Concurrent Medication:

Allowed:

- Aerosolized pentamidine, trimethoprim/sulfamethoxazole, or dapsone for PCP
prophylaxis.

- Chronic suppressive therapy for the following infections:

Toxoplasmosis (pyrimethamine, sulfadiazine, or clindamycin). Cryptococcosis (fluconazole).
Candidiasis (ketoconazole). Herpes simplex virus (acyclovir). Mycobacterium avium
(isoniazid, clofazimine, amikacin, rifampin, rifabutin, ethambutol, or other drug with
written permission of the sponsor).

Required:

- Patients whose CD4+ count falls below 200 at two consecutive measurements must receive
prophylaxis for PCP and any other clinically indicated conditions.

Exclusion Criteria

Co-existing Condition:

Patients with the following conditions or symptoms are excluded:

- An active AIDS-defining opportunistic infection.

- Evidence of AIDS dementia complex or active neurologic disease, including progressive
multi-focal leukoencephalopathy (PML), poorly controlled seizure disorder or active
CNS infection.

- Any condition which in the Investigator's opinion is sufficient to prevent adequate
compliance with the study.

Concurrent Medication:

Excluded:

- Therapeutic agents specific for HIV disease that have not received FDA approval.

- Biologic response modifiers, including interferon, interleukin-2 (IL-2), and leukocyte
stimulating hormones (GM-CSF, G-CSF).

Patients with the following are excluded:

- An active AIDS-defining opportunistic infection.

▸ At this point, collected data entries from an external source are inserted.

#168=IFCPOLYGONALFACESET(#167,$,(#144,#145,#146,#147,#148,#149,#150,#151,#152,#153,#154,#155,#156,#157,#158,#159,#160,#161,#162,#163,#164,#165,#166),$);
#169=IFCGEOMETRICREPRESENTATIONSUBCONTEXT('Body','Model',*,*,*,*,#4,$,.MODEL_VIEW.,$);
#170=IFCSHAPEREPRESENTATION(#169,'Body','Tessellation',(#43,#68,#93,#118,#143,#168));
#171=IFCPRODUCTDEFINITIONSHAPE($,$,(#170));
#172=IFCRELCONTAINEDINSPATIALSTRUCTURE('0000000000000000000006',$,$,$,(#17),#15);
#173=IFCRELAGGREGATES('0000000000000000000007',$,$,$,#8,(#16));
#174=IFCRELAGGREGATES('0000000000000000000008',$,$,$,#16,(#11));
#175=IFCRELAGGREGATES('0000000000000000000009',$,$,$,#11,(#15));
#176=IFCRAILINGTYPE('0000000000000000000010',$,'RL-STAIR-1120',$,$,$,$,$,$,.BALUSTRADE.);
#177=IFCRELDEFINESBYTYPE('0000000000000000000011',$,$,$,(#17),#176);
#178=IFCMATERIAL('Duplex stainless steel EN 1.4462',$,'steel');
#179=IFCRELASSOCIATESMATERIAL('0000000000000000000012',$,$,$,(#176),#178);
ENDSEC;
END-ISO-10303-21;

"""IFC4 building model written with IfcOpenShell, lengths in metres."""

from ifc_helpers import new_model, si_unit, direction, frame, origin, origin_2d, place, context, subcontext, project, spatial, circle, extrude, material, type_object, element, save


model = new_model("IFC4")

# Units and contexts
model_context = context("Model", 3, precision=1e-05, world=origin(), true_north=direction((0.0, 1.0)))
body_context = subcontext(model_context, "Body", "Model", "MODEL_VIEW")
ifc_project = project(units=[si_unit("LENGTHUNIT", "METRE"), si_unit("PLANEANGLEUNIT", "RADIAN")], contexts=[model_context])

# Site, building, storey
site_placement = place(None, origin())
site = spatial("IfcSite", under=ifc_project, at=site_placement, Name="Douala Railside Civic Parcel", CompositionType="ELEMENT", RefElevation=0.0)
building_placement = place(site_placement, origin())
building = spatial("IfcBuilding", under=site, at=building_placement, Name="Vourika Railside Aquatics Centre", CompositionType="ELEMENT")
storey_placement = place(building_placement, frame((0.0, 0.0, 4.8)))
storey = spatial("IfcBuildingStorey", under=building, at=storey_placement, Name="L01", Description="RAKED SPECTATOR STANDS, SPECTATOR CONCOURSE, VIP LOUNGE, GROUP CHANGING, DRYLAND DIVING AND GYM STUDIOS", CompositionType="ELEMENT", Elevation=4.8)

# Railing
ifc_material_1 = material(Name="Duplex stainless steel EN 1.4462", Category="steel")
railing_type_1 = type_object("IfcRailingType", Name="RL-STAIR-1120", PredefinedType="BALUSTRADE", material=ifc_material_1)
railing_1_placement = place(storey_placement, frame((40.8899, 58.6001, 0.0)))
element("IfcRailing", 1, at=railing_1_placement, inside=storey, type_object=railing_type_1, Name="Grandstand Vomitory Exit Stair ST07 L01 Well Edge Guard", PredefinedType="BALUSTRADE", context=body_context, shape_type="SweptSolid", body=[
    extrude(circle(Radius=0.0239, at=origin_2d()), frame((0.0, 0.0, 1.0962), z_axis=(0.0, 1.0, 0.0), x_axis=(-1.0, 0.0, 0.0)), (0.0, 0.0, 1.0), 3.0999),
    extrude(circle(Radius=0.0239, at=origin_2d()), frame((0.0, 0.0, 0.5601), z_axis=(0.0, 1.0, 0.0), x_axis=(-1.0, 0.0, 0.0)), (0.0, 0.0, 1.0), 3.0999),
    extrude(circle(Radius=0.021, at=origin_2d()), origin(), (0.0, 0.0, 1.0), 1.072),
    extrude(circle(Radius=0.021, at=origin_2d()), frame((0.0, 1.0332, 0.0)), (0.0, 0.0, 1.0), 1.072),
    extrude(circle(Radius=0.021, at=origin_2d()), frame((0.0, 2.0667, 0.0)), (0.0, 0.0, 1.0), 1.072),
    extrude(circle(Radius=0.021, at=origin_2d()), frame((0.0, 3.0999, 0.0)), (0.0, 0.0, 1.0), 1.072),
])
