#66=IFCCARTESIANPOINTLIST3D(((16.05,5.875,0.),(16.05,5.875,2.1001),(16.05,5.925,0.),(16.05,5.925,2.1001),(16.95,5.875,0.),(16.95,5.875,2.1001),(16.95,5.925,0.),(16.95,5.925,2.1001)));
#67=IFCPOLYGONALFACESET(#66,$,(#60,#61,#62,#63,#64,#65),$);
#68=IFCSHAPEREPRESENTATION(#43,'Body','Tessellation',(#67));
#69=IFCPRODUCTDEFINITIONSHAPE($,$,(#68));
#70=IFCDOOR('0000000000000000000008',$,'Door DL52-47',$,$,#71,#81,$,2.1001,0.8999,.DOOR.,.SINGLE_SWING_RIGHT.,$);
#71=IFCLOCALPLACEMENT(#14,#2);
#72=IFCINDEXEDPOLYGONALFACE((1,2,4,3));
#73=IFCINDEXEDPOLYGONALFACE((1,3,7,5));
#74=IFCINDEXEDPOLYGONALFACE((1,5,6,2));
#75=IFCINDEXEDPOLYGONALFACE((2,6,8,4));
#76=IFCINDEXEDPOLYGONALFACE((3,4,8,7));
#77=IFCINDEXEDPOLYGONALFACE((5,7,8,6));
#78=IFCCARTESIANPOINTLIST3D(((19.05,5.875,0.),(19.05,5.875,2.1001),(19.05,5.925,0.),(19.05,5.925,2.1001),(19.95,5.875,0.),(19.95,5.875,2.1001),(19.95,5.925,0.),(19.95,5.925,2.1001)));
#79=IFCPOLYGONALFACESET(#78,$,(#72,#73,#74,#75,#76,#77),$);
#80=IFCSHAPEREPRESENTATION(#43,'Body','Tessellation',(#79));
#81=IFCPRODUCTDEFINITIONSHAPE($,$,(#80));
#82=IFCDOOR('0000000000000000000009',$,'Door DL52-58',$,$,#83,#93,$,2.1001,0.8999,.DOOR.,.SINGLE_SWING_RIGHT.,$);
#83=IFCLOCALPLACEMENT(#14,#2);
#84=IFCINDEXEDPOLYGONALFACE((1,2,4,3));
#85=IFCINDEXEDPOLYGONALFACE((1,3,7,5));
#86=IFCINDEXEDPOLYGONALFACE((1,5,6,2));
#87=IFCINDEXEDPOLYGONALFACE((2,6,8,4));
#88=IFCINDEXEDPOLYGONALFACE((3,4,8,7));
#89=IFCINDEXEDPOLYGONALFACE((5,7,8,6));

- Evidence of AIDS dementia complex or active neurologic disease, including progressive
multi-focal leukoencephalopathy (PML), poorly controlled seizure disorder or active
CNS infection.

- Participation in other clinical studies, including investigational therapy of HIV
infection.

- Any condition which in the Investigator's opinion is sufficient to prevent adequate
compliance with the study.

- History of prior use of GLQ223 or trichosanthin or presence of anti-GLQ223 serum IgG
antibody as measured by Western blot.

- Inability to provide written informed consent.

Prior Medication:

Excluded:

- History of prior use of GLQ223 or trichosanthin or presence of anti-GLQ serum IgG
antibody as measured by Western blot.

Excluded within 30 days prior to enrollment:

- Use of unapproved therapeutic agents specific for HIV disease, including ddC.

- Use of biologic response modifiers, including interferon, interleukin-2, and leukocyte
stimulating hormones (GM-CSF, G-CSF).

Patients have the following:

- HIV positive by ELISA with confirmation by Western blot.

- Symptomatic with AIDS-Related Complex or AIDS by CDC classification.

- History of zidovudine therapy at a dose equal to or more than 300 mg daily for at
least 9 consecutive months immediately prior to entry into study.

- CD4 count equal to or more than 200 and equal to or less than 500 (mean of 2 readings
one week apart).

- Ability to give informed consent.

Required:

- Zidovudine therapy at a dose equal to or more than 300 mg daily for at least 9 months
immediately prior to entry into the study.